You’ve not known the still, cold form
                that tore your heart away;
Nor felt wrenched from your lungs
                Your life restoring breath.

“Yet, do I dare to fancy,
                To seek and yet to find,
In that ominous abyss
                My true love, gone away.
You shan’t know the pain I feel
                Come feel my empty arms.
Feel the chasm deep within.
                Walk in if you can bear.

“Burdened shame, and guilt, and doubt,
                And emptiness I feel.
Often in my deepest fear,
                Too long, too deep I’ve searched.
Reaching o’er abyss’s brink,
                I’ve nearly fallen in.
How I’ve kept my grip on life,
                I surely do not know.

“Do you know the reaching out,
                The primal scream for aid?
Have you felt that chasm deep
                Where once your true love dwelt?
Or perchance in tears you’ve drowned
                To wake as living dead.
Can you help me bear my pain?
                It’s not all right, you know.
                jlm

Thursday, December 19, 2013

She was "Mom."



Nearly 20 years ago, I stood by her casket reveling in the joy of having had her as "Mom."

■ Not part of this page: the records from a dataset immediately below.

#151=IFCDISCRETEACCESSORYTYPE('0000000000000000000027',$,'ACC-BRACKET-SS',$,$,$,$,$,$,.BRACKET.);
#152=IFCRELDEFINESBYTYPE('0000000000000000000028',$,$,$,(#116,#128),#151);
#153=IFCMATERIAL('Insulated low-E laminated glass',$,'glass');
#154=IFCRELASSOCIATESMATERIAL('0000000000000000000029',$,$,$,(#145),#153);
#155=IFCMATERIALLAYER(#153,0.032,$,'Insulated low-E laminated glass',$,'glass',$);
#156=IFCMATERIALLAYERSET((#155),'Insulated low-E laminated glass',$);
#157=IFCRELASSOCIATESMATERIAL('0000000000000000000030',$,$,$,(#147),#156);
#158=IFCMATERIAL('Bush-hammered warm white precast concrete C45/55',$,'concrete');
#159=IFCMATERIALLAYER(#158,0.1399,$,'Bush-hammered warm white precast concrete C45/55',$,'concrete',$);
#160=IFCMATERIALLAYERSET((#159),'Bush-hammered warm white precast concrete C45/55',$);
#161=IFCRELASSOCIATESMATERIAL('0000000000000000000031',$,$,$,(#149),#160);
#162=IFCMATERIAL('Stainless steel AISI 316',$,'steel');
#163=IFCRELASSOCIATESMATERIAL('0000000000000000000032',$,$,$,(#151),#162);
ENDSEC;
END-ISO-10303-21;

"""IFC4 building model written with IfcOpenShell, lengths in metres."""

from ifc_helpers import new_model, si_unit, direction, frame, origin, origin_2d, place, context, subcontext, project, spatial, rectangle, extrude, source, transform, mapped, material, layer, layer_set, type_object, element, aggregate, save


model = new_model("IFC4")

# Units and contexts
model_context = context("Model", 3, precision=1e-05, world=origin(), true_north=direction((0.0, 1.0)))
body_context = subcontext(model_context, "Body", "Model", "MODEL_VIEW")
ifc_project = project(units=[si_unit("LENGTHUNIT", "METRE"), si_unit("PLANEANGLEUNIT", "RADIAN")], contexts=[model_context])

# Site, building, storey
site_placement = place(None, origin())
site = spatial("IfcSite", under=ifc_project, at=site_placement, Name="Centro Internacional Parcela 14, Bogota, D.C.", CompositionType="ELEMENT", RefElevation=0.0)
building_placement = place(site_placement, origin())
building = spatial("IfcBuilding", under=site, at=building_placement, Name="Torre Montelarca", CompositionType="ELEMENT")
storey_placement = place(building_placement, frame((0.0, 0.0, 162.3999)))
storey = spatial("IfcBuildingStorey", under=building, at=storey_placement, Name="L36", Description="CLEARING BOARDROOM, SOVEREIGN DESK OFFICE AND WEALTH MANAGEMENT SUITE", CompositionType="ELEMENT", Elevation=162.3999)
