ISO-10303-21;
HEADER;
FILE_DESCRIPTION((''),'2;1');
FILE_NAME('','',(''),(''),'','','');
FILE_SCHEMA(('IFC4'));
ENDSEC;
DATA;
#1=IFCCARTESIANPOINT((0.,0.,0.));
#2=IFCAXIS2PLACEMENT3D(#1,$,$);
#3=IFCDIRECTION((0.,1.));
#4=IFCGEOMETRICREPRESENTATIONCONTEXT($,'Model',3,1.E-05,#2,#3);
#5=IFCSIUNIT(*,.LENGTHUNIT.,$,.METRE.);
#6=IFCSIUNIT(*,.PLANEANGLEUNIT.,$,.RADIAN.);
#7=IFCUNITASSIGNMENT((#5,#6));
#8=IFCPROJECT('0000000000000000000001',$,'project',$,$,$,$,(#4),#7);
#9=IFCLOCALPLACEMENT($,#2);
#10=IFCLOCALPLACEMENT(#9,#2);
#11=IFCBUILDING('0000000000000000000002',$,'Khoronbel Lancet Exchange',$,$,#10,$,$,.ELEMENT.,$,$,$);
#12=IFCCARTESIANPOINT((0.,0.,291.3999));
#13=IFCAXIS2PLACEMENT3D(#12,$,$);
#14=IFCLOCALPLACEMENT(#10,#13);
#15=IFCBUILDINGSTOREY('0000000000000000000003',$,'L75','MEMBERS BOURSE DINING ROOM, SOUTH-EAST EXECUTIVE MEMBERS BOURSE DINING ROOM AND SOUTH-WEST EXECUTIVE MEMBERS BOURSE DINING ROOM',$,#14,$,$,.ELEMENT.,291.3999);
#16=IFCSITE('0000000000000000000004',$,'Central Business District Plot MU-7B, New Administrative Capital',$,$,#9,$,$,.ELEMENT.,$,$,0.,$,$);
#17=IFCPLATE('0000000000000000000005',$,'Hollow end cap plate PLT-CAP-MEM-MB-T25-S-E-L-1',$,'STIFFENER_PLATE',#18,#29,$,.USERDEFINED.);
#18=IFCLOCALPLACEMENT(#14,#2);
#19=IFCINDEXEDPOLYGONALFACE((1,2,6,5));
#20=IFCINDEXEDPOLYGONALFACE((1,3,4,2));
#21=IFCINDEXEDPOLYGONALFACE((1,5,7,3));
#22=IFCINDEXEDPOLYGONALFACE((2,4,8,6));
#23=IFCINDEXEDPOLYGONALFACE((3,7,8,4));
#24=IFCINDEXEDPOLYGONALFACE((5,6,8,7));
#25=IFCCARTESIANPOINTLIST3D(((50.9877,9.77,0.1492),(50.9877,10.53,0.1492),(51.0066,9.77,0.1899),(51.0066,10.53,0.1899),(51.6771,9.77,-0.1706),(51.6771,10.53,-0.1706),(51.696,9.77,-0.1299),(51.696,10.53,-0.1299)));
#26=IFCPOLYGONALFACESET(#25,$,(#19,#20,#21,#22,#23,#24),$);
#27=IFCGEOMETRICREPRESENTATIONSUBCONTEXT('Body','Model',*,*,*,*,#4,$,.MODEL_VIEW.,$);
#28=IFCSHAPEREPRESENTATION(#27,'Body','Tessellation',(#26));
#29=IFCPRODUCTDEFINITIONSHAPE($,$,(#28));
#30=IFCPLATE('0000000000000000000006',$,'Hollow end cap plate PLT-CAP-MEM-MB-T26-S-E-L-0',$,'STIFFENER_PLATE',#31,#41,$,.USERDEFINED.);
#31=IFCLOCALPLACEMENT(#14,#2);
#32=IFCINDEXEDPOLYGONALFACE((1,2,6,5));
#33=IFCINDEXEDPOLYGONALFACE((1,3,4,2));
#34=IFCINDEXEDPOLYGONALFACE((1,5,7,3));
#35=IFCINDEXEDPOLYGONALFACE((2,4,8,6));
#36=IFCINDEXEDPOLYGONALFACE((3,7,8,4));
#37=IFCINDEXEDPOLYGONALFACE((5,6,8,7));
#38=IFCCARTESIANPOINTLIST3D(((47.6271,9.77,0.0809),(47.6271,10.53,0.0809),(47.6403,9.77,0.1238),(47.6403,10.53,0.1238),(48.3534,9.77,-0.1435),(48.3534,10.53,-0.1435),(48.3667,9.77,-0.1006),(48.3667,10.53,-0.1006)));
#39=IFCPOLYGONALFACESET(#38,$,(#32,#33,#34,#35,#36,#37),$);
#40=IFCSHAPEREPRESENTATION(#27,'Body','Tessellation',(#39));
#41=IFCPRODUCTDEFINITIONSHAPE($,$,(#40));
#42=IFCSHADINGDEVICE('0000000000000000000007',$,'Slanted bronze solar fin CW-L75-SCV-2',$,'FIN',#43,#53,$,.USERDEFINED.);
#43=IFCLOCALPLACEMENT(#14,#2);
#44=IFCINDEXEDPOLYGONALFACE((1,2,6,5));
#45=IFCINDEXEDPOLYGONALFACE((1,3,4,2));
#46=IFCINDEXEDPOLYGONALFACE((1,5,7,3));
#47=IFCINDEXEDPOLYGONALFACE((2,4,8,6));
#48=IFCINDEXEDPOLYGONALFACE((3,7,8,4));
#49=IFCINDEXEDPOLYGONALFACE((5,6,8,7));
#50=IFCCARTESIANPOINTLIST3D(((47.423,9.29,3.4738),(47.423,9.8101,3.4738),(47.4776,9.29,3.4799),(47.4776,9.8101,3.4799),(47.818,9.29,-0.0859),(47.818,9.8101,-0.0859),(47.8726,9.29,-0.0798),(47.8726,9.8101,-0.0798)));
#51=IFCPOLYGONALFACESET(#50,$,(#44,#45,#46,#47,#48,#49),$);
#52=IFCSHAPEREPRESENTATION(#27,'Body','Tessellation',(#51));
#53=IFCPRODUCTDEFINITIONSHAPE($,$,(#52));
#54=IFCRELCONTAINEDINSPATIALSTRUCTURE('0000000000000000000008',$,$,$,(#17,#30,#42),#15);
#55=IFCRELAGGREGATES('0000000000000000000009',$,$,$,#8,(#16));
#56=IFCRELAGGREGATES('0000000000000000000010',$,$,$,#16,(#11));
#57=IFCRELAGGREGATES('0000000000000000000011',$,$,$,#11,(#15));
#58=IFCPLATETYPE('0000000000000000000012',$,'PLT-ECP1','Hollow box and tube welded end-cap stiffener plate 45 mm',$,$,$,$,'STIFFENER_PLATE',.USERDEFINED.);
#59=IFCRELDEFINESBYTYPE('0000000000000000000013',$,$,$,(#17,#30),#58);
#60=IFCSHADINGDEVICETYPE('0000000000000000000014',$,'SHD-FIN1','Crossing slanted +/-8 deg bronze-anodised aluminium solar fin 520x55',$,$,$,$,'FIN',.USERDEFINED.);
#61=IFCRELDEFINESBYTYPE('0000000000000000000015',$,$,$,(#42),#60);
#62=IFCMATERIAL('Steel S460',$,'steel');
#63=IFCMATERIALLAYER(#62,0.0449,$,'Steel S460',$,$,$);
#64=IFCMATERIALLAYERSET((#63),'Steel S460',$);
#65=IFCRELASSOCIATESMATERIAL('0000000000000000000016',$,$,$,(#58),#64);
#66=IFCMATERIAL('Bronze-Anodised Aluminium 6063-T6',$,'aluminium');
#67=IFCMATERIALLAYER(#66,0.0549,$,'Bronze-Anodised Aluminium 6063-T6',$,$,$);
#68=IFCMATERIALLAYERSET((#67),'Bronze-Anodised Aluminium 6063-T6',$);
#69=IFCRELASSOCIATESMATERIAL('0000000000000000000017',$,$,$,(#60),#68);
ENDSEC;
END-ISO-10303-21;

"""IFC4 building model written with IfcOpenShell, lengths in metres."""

from ifc_helpers import new_model, si_unit, direction, frame, origin, place, context, subcontext, project, spatial, polyline, outline, extrude, material, layer, layer_set, type_object, element, save


model = new_model("IFC4")

# Units and contexts
model_context = context("Model", 3, precision=1e-05, world=origin(), true_north=direction((0.0, 1.0)))
body_context = subcontext(model_context, "Body", "Model", "MODEL_VIEW")
ifc_project = project(units=[si_unit("LENGTHUNIT", "METRE"), si_unit("PLANEANGLEUNIT", "RADIAN")], contexts=[model_context])

# Site, building, storey
site_placement = place(None, origin())
site = spatial("IfcSite", under=ifc_project, at=site_placement, Name="Central Business District Plot MU-7B, New Administrative Capital", CompositionType="ELEMENT", RefElevation=0.0)
building_placement = place(site_placement, origin())
building = spatial("IfcBuilding", under=site, at=building_placement, Name="Khoronbel Lancet Exchange", CompositionType="ELEMENT")
storey_placement = place(building_placement, frame((0.0, 0.0, 291.3999)))
storey = spatial("IfcBuildingStorey", under=building, at=storey_placement, Name="L75", Description="MEMBERS BOURSE DINING ROOM, SOUTH-EAST EXECUTIVE MEMBERS BOURSE DINING ROOM AND SOUTH-WEST EXECUTIVE MEMBERS BOURSE DINING ROOM", CompositionType="ELEMENT", Elevation=291.3999)

# Shared definitions
ifc_material_1 = material(Name="Steel S460", Category="steel")

# Shared definitions
ifc_material_2 = material(Name="Bronze-Anodised Aluminium 6063-T6", Category="aluminium")

# Plates
ifc_layer_1 = layer(ifc_material_1, 0.0449, Name="Steel S460")
ifc_layer_set_1 = layer_set([ifc_layer_1], Name="Steel S460")
plate_type_1 = type_object("IfcPlateType", Name="PLT-ECP1", Description="Hollow box and tube welded end-cap stiffener plate 45 mm", ElementType="STIFFENER_PLATE", PredefinedType="USERDEFINED", material=ifc_layer_set_1)
plate_1_placement = place(storey_placement, frame((51.696, 9.77, -0.1299), z_axis=(0.420809, 0.0, 0.907149), x_axis=(0.0, 1.0, 0.0)))
element("IfcPlate", 1, at=plate_1_placement, inside=storey, type_object=plate_type_1, Name="Hollow end cap plate PLT-CAP-MEM-MB-T25-S-E-L-1", ObjectType="STIFFENER_PLATE", PredefinedType="USERDEFINED", context=body_context, shape_type="SweptSolid", body=[
    extrude(outline(polyline([(0.0, 0.0), (0.76, 0.0), (0.76, 0.76), (0.0, 0.76), (0.0, 0.0)])), origin(), (0.0, 0.0, -1.0), 0.0449),
])
plate_2_placement = place(storey_placement, frame((48.3667, 9.77, -0.1006), z_axis=(0.295146, 0.0, 0.955452), x_axis=(0.0, 1.0, 0.0)))
element("IfcPlate", 2, at=plate_2_placement, inside=storey, type_object=plate_type_1, Name="Hollow end cap plate PLT-CAP-MEM-MB-T26-S-E-L-0", ObjectType="STIFFENER_PLATE", PredefinedType="USERDEFINED", context=body_context, shape_type="SweptSolid", body=[
    extrude(outline(polyline([(0.0, 0.0), (0.76, 0.0), (0.76, 0.7603), (0.0, 0.7603), (0.0, 0.0)])), origin(), (0.0, 0.0, -1.0), 0.0449),
])

# Shading device
ifc_layer_2 = layer(ifc_material_2, 0.0549, Name="Bronze-Anodised Aluminium 6063-T6")
ifc_layer_set_2 = layer_set([ifc_layer_2], Name="Bronze-Anodised Aluminium 6063-T6")
shading_device_type = type_object("IfcShadingDeviceType", Name="SHD-FIN1", Description="Crossing slanted +/-8 deg bronze-anodised aluminium solar fin 520x55", ElementType="FIN", PredefinedType="USERDEFINED", material=ifc_layer_set_2)
shading_device_placement = place(storey_placement, frame((47.8726, 9.8101, -0.0798), z_axis=(0.9939, 0.0, 0.110289), x_axis=(0.0, -1.0, 0.0)))
element("IfcShadingDevice", 3, at=shading_device_placement, inside=storey, type_object=shading_device_type, Name="Slanted bronze solar fin CW-L75-SCV-2", ObjectType="FIN", PredefinedType="USERDEFINED", context=body_context, shape_type="SweptSolid", body=[
    extrude(outline(polyline([(0.0, 0.0), (0.52, 0.0), (0.52, -3.5815), (0.0, -3.5815), (0.0, 0.0)])), origin(), (0.0, 0.0, -1.0), 0.0549),
])

save(model, "model.ifc")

Her last months were especially significant for me. We spent many visits talking freely about her approaching death. Sadly, there were those in the family who believed that we shouldn't talk with her about that. They thought it would cause her to give up, but early after the last diagnosis from her doctor she made it abundantly clear to me one day that she wanted to talk. She wouldn't likely last more than 6 months longer with her congestive heart failure, and she wanted us all to know she wasn’t afraid.

When I asked how she viewed death she said, “I’ve come to think of death as an old friend waiting.”

That was the tone of many wonderful visits exploring faith and the future.

On the night she died, I had just been cleared by my doctor to leave off my neck brace from a broken neck three months earlier. Mom knew how much pain I was in constantly. She had come to understand just what I meant when she would ask how I was and I would respond, "My ME hurts."

She had been semi-conscious to unconscious all day, and my older brother Ron notified me in the late afternoon that she likely wouldn't last the night. The 50-some mile ride; albeit in a comfortable car; hurt like crazy. Walking into her room was physically painful. I wanted to say, "Good-bye, Mom," but there were some present who still denied how seriously she wanted her "rest." So, I felt compelled to speak cautiously.

I went to her bed; laid my hand on her forehead and simply said, "Mom, I'm here."

She opened her eyes. "Oh, it's you son. It must be bad."

"It's OK, Mom. You can rest now."

She closed her eyes; I believe for the last time. She died peacefully several hours later. Because of my extreme physical pain that night, I wasn't able to stay and be present at the time of death, but I didn't need to be. We both knew I had said “Good-bye.”

So, there I was at her casket, reveling in the joy of having had her as “Mom.” I didn’t cry during that funeral time – before, during or after – and my wife wondered later, “Why not?”  The truth? I didn’t need to cry. Mom wasn’t gone. She was – IS always a part of all of us. How could she be gone as long as we carry her in our hearts?

But, there may be one thing missing. I remember how she would kneel by her bed each night before retiring, and she would lovingly lift each of us to God in her prayer. There by her casket, I wondered, “Who will say a prayer each day for each of us now?”

Sadly, I haven’t picked up that challenge.